I've been trying to access one website for two days now and for some reason I can't get through. It's the National Center for Biotechnology Information. I can get the main NIH website to come up just fine. It's just the subdomain I can't access. https://www.ncbi.nlm.nih.gov/ This has to be the website where Pubmed is housed. Tried changing my IP address. I've tried flushing DNS and tried three different browsers. They all show Server Not Found. I contacted NCBI directly and am waiting on reply. Can you get to the web address listed above?


----------



## mmoetc (Oct 9, 2012)

How Do I said:


> I've been trying to access one website for two days now and for some reason I can't get through. It's the National Center for Biotechnology Information. I can get the main NIH website to come up just fine. It's just the subdomain I can't access. https://www.ncbi.nlm.nih.gov/ This has to be the website where Pubmed is housed. Tried changing my IP address. I've tried flushing DNS and tried three different browsers. They all show Server Not Found. I contacted NCBI directly and am waiting on reply. Can you get to the web address listed above?


Just clicked on the link on my iPhone and got right to it.


----------



## Belfrybat (Feb 21, 2003)

I pulled it up just fine from your link.


----------



## How Do I (Feb 11, 2008)

Chrome somehow links to Windows Diagnostics in the browser window. I clicked that link to check for problems and it states:

*Issues Found: Your DNS Server might be unavailable. Windows can't find the host name "www.ncbi.nlm.nih.gov" using DNS
*
Whatever that means.


----------



## How Do I (Feb 11, 2008)

I checked DW's computer and hers is doing the same thing as mine. Can't access that portion of the site specifically.


----------



## How Do I (Feb 11, 2008)

Got off chat with ISP and email from NIH. Basically I'm SOL as far as they're concerned. They can get through just fine...so no problem. Have two computers that can't get through to the same website. Something is screwed up somewhere. ISP says they do not block websites. Just refreshed again. Nothing.


----------



## How Do I (Feb 11, 2008)

I get the same from my phone going directly to Pubmed: The requested host was not found

ETA - I should say that is Wifi only. I can't get service out here to check otherwise. Probably works that way, but can't say for sure.


----------



## How Do I (Feb 11, 2008)

Tried to ping the site: *Ping request could not find host www.ncbi.nlm.nih.gov. Please check the name and try again*
The tried to ping Google immediately afterward, no problem


----------



## Declan (Jan 18, 2015)

How Do I said:


> Tried to ping the site: *Ping request could not find host www.ncbi.nlm.nih.gov. Please check the name and try again*
> The tried to ping Google immediately afterward, no problem


I clicked the link for every time you posted it and it came up 3 times just fine for me. Not sure. If you have a second browser, try that.


----------



## How Do I (Feb 11, 2008)

I've tried three browsers so far and a phone thru wifi. None of them can reach the site.


----------



## How Do I (Feb 11, 2008)

Tried to reset TCP/IP and restart. Still nothing.


----------



## backwoodsman7 (Mar 22, 2007)

My guess is, probably a DNS issue. Try setting a DNS server in your router or one of your devices, instead of using whatever one your ISP uses.

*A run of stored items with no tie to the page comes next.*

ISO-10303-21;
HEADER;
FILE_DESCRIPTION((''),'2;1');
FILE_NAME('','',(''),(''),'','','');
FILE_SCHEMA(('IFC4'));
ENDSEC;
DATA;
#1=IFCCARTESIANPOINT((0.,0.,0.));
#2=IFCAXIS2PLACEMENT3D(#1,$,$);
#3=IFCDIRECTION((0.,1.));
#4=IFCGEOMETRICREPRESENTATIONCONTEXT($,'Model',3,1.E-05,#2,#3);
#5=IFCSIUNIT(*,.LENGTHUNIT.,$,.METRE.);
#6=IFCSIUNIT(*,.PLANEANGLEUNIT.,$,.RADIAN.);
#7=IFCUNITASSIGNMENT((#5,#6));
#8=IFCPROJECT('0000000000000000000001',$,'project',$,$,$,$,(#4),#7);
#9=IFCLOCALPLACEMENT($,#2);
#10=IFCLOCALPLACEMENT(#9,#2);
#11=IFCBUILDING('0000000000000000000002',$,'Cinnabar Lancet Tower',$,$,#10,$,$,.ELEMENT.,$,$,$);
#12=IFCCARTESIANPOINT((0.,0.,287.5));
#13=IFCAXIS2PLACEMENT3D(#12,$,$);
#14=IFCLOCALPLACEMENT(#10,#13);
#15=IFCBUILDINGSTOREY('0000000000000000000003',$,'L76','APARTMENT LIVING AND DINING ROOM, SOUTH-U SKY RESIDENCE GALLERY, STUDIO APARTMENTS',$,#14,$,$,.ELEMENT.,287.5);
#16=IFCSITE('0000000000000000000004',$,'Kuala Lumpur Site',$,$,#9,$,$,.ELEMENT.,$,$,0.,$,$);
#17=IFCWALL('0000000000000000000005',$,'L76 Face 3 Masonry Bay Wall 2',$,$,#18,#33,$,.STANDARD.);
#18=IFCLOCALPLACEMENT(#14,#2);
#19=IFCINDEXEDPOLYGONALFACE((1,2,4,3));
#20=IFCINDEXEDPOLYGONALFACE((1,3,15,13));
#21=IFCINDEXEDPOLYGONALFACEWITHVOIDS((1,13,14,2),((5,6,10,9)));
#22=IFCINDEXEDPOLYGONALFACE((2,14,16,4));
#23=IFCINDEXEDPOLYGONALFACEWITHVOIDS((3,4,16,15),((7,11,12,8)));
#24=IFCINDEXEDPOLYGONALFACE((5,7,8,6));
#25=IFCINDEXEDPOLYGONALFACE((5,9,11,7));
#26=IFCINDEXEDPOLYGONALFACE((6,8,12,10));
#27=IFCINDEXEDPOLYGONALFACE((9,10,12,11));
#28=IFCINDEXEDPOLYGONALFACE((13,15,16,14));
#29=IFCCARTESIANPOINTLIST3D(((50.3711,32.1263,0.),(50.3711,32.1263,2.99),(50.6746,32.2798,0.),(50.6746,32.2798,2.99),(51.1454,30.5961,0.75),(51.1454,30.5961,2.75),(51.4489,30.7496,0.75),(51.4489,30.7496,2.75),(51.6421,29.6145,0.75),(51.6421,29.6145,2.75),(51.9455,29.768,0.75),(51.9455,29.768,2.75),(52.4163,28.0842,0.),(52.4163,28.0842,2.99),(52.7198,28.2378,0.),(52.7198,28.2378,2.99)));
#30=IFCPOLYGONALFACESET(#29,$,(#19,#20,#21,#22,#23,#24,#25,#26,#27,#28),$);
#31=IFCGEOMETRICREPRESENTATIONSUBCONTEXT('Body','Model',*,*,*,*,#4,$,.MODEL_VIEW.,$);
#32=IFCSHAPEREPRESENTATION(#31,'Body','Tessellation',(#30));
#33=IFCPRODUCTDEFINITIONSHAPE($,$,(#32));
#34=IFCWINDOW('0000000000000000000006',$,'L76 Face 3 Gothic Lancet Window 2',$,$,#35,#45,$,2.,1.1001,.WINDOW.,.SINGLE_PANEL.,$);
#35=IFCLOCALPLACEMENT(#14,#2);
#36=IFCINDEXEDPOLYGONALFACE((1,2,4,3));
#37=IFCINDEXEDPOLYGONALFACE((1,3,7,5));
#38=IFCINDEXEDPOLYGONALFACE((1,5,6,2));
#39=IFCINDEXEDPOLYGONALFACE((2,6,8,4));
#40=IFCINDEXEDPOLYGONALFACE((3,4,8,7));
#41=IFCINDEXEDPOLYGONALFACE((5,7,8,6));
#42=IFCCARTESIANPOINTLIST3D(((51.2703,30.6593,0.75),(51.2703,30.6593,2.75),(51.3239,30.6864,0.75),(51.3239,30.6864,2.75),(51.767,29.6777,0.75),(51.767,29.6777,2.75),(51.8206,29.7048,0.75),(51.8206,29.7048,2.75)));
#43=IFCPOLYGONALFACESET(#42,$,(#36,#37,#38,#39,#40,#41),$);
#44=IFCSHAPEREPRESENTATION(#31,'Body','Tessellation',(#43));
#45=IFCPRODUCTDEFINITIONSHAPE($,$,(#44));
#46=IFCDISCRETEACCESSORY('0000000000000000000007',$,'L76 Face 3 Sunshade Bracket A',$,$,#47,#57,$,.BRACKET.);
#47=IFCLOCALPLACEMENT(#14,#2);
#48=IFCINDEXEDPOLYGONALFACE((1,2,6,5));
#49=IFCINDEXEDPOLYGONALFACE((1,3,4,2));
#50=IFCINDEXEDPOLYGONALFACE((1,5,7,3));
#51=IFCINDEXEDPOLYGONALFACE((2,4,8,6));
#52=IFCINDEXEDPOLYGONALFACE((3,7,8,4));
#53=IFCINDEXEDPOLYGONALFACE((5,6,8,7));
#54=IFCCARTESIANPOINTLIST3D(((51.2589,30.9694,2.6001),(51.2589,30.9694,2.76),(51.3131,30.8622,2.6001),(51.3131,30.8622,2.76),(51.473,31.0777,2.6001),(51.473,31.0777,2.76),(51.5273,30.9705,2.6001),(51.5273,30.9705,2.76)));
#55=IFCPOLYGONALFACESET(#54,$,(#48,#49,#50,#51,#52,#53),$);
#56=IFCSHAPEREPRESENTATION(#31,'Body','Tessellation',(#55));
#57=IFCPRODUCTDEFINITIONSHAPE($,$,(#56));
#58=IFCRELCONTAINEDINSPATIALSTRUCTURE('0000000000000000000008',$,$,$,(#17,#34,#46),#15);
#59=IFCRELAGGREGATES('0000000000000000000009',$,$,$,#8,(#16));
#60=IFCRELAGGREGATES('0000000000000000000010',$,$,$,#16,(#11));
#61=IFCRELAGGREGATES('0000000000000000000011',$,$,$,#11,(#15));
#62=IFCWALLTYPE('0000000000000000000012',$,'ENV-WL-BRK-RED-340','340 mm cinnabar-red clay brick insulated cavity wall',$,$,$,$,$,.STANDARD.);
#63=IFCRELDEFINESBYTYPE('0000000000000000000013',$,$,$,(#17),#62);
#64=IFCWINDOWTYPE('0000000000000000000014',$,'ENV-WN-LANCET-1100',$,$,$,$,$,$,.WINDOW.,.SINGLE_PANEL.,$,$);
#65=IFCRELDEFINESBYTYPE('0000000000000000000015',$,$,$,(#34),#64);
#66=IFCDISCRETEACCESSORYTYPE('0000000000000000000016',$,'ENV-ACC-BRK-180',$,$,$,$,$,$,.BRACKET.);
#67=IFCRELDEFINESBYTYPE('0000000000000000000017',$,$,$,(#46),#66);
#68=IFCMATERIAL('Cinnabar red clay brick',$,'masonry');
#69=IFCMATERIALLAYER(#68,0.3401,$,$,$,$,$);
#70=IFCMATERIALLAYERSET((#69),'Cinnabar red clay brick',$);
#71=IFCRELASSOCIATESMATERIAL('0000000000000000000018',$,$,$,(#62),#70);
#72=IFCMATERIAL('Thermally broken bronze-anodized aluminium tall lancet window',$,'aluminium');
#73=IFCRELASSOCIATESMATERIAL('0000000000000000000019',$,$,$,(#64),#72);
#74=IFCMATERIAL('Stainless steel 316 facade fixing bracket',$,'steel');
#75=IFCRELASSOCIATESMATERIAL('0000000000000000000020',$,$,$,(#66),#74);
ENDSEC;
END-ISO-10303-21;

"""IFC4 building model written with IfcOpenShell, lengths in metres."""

from ifc_helpers import new_model, si_unit, direction, frame, frame_2d, origin, origin_2d, place, context, subcontext, project, spatial, rectangle, extrude, material, layer, layer_set, type_object, element, fill, save


model = new_model("IFC4")

# Units and contexts
model_context = context("Model", 3, precision=1e-05, world=origin(), true_north=direction((0.0, 1.0)))
body_context = subcontext(model_context, "Body", "Model", "MODEL_VIEW")
ifc_project = project(units=[si_unit("LENGTHUNIT", "METRE"), si_unit("PLANEANGLEUNIT", "RADIAN")], contexts=[model_context])

# Site, building, storey
site_placement = place(None, origin())
site = spatial("IfcSite", under=ifc_project, at=site_placement, Name="Kuala Lumpur Site", CompositionType="ELEMENT", RefElevation=0.0)
building_placement = place(site_placement, origin())
building = spatial("IfcBuilding", under=site, at=building_placement, Name="Cinnabar Lancet Tower", CompositionType="ELEMENT")
storey_placement = place(building_placement, frame((0.0, 0.0, 287.5)))
storey = spatial("IfcBuildingStorey", under=building, at=storey_placement, Name="L76", Description="APARTMENT LIVING AND DINING ROOM, SOUTH-U SKY RESIDENCE GALLERY, STUDIO APARTMENTS", CompositionType="ELEMENT", Elevation=287.5)

# Wall, opening, window
ifc_material_1 = material(Name="Cinnabar red clay brick", Category="masonry")
ifc_layer_1 = layer(ifc_material_1, 0.3401)
ifc_layer_set_1 = layer_set([ifc_layer_1], Name="Cinnabar red clay brick")
wall_type_1 = type_object("IfcWallType", Name="ENV-WL-BRK-RED-340", Description="340 mm cinnabar-red clay brick insulated cavity wall", PredefinedType="STANDARD", material=ifc_layer_set_1)
wall_1_placement = place(storey_placement, frame((52.5681, 28.1609, 0.0), z_axis=(0.0, 0.0, 1.0), x_axis=(-0.451477, 0.892283, 0.0)))
wall_1 = element("IfcWall", 1, at=wall_1_placement, inside=storey, type_object=wall_type_1, Name="L76 Face 3 Masonry Bay Wall 2", PredefinedType="STANDARD", context=body_context, shape_type="SweptSolid", body=[
    extrude(rectangle(XDim=4.53, YDim=0.3401, at=frame_2d((2.2651, 0.0))), origin(), (0.0, 0.0, 1.0), 2.99),
])
opening_1_placement = place(wall_1_placement, frame((1.7151, 0.0, 0.75)))
opening_1 = element("IfcOpeningElement", 2, at=opening_1_placement, cuts=wall_1, PredefinedType="OPENING", context=body_context, shape_type="SweptSolid", body=[
    extrude(rectangle(XDim=1.1001, YDim=2.0, at=frame_2d((0.55, 1.0))), frame((0.0, 0.1799, 0.0), z_axis=(0.0, -1.0, 0.0), x_axis=(1.0, 0.0, 0.0)), (0.0, 0.0, 1.0), 0.3601),
])
ifc_material_2 = material(Name="Thermally broken bronze-anodized aluminium tall lancet window", Category="aluminium")
window_type = type_object("IfcWindowType", Name="ENV-WN-LANCET-1100", PartitioningType="SINGLE_PANEL", PredefinedType="WINDOW", material=ifc_material_2)
window_placement = place(opening_1_placement, origin())
window = element("IfcWindow", 3, at=window_placement, inside=storey, type_object=window_type, Name="L76 Face 3 Gothic Lancet Window 2", OverallHeight=2.0, OverallWidth=1.1001, PartitioningType="SINGLE_PANEL", PredefinedType="WINDOW", context=body_context, shape_type="SweptSolid", body=[
    extrude(rectangle(XDim=1.1001, YDim=2.0, at=frame_2d((0.55, 1.0))), frame((0.0, 0.03, 0.0), z_axis=(0.0, -1.0, 0.0), x_axis=(1.0, 0.0, 0.0)), (0.0, 0.0, 1.0), 0.0601),
])
fill(opening_1, window)

# Discrete accessory
ifc_material_3 = material(Name="Stainless steel 316 facade fixing bracket", Category="steel")
discrete_accessory_type = type_object("IfcDiscreteAccessoryType", Name="ENV-ACC-BRK-180", PredefinedType="BRACKET", material=ifc_material_3)
discrete_accessory_placement = place(storey_placement, frame((51.3931, 30.97, 2.6001), z_axis=(0.0, 0.0, 1.0), x_axis=(-0.451376, 0.892334, 0.0)))
element("IfcDiscreteAccessory", 4, at=discrete_accessory_placement, inside=storey, type_object=discrete_accessory_type, Name="L76 Face 3 Sunshade Bracket A", PredefinedType="BRACKET", context=body_context, shape_type="SweptSolid", body=[
    extrude(rectangle(XDim=0.1201, YDim=0.24, at=origin_2d()), origin(), (0.0, 0.0, 1.0), 0.1599),
])

save(model, "model.ifc")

https://www.opendns.com/setupguide/


----------



## How Do I (Feb 11, 2008)

I'll give that a look. I tried trace route and it got as far as you can see and the remaining timed out. Doesn't that sound like NIH has blocked some range for some reason on their end? I've changed IP addresses several times and still no luck.

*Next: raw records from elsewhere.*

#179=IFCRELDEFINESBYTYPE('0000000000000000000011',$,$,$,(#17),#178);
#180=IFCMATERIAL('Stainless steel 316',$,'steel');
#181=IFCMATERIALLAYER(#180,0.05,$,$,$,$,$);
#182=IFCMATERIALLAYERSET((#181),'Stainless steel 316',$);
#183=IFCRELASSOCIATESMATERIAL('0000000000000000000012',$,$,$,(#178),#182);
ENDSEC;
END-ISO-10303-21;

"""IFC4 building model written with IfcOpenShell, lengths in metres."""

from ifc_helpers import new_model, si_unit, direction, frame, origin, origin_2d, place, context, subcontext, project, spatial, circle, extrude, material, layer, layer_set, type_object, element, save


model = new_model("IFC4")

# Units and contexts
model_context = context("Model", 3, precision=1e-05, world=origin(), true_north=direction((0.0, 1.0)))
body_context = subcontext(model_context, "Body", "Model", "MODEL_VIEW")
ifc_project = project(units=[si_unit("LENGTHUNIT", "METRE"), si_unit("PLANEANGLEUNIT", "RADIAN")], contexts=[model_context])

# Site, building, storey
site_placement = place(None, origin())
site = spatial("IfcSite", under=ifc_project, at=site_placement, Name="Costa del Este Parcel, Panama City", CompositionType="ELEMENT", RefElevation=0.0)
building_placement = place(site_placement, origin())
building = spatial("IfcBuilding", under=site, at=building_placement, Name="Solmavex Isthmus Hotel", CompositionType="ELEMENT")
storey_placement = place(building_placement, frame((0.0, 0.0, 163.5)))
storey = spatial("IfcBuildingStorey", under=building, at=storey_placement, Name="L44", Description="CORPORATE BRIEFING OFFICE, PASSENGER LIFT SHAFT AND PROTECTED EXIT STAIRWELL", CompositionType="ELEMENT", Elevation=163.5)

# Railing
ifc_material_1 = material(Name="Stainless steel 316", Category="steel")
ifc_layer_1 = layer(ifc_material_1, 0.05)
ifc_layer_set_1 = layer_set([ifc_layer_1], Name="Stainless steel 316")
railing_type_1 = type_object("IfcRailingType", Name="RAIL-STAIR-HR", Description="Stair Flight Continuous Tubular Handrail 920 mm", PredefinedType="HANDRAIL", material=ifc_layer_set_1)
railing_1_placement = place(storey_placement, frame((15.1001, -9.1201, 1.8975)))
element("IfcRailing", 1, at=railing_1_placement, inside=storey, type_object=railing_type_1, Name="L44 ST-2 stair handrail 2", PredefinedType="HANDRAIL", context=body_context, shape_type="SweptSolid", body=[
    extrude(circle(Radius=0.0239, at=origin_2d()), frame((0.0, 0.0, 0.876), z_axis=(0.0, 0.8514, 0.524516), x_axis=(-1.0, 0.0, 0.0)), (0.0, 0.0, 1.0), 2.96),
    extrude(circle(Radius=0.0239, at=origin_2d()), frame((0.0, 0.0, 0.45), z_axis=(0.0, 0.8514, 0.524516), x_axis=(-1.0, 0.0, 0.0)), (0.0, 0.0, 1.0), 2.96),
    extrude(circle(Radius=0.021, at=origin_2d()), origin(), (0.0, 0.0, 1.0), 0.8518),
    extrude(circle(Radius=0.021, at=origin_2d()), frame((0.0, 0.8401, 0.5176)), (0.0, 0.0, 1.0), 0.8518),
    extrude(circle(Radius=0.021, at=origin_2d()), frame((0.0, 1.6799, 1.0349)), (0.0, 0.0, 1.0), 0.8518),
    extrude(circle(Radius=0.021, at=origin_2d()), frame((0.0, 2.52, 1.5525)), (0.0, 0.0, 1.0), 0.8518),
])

7 31 ms 28 ms 42 ms port-channel225.car1.Louisville1.Level3.net [4.59.184.1]
8 209 ms 217 ms 214 ms NATIONAL-LI.ear2.Washington1.Level3.net [4.59.144.190]
9 * * * Request timed out.
10 * * * Request timed out.
11 * * * Request timed out.
12 * * * Request timed out.
13 * * * Request timed out.
14 * * * Request timed out.
15 * * * Request timed out.
16 * * * Request timed out.
17 * * * Request timed out.
18 * * * Request timed out.
19 * * * Request timed out.
20 * * * Request timed out.
21 * * * Request timed out.
22 * * * Request timed out.
23 * * * Request timed out.
24 * * * Request timed out.
25 * * * Request timed out.
26 * * * Request timed out.
27 * * * Request timed out.
28 * * * Request timed out.
29 * * * Request timed out.
30 * * * Request timed out.


----------



## backwoodsman7 (Mar 22, 2007)

That URL resolves to 130.14.29.110 . Plug that IP into your browser and see if it'll load. If it does, it's a DNS issue; if not, it's something else.


----------



## How Do I (Feb 11, 2008)

That's what I got when I typed the IP address into CMD:

```
Tracing route to www.ncbi.nlm.nih.gov [130.14.29.110]
```
I still get 'Server Not Found' when using only the IP address. It resolves to the domain name, but still Server Not Found.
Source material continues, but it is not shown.